Benefits of HDFS over NFS:HDFS also facilitates the creation of multiple copies of files, which helps with fault tolerance. This alleviates the common problem of multiple clients trying to access the same file at the same time. More so than with NFS, reading performance scales better due to files having multiple images on different physical disks.

9. What is data modelling and what is the need for it.

The IT industry has used data modeling as a business for decades. The data model is a method for acquiring intimate familiarity with the data and thus arriving at the diagram. Businesses and IT experts are more likely to grasp the data and its potential applications when presented with it in a visual format.

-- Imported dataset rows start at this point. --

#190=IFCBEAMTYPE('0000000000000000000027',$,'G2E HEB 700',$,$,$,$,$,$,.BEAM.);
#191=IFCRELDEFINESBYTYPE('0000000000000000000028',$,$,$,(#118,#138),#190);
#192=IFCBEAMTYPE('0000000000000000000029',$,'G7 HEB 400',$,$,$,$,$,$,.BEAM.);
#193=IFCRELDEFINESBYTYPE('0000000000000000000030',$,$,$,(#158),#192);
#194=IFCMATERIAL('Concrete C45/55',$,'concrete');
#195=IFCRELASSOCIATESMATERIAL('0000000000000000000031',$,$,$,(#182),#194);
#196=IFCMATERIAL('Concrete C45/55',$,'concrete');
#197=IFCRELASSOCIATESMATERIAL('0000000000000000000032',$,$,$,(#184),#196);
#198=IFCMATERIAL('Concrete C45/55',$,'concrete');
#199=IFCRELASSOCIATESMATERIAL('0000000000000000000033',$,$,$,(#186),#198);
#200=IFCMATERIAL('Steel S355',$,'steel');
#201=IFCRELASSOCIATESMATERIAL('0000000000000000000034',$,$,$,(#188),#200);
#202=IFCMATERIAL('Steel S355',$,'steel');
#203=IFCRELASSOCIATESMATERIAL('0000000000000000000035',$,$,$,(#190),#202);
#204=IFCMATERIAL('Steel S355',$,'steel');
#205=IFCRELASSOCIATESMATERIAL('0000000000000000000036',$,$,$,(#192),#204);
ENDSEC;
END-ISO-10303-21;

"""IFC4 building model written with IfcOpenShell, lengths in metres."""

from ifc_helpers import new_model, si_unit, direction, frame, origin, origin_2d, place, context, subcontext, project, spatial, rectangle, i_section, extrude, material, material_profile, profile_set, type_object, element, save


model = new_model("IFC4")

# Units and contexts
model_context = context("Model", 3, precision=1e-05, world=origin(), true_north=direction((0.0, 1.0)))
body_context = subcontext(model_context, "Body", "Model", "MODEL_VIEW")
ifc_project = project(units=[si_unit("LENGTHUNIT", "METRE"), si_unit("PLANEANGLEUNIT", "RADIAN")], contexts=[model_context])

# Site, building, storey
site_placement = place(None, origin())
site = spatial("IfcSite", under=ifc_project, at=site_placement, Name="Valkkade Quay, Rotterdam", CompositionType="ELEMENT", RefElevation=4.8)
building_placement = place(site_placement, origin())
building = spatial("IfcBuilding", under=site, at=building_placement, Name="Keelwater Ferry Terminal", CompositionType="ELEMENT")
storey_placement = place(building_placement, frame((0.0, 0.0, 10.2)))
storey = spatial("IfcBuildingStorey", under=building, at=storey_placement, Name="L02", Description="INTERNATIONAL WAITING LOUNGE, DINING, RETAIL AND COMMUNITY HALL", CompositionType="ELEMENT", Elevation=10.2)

Models for Data, Different Types

Conceptual models, logical models, and physical models are the three most common types of data representations. Imagine them as a step up from an abstract design to a detailed road map of the database’s infrastructure and final shape.

  • Conceptual Data Model:
    The most basic and generalized model of data is the conceptual one. The model undergoes minimal annotation, but the structure and controls of the data relationships are established. Included are such things as the fundamental market rules that must be followed, the depths or entity classes of data that you intend to cover, and any other regulations that may restrict your layout choices. When a project is still in its early stages, data models are useful.
  • Logical Data Model:
    The logical data model adds to the conceptual model’s framework, but with a greater emphasis on relationships. Thus, many common annotations focus on broad properties or attributes of data rather than individual data elements. Data warehousing initiatives can benefit from this model as a result.
  • Physical Data Model:
    The physical data model is the final step prior to database production, and it typically takes into account properties and rules unique to the database management system being used.

Advantages Of Data Modeling:

  • When it comes to managing their data, businesses can reap a number of advantages from adopting a data-modeling strategy.
  • Foreseeing the best course of action requires cleaning, organizing, and modeling your data before you even consider building a database. As data modeling improves data quality, databases become more constrained, error-prone, and poorly designed.
  • In data modeling, you can see the data flow and the structure you’ve imagined for the data. This helps staff members understand data activity and their role in the bigger picture of data management. It also improves the flow of information between teams within a company.
  • The deeper database design made possible by data modeling leads to more advanced applications and data-driven business insights.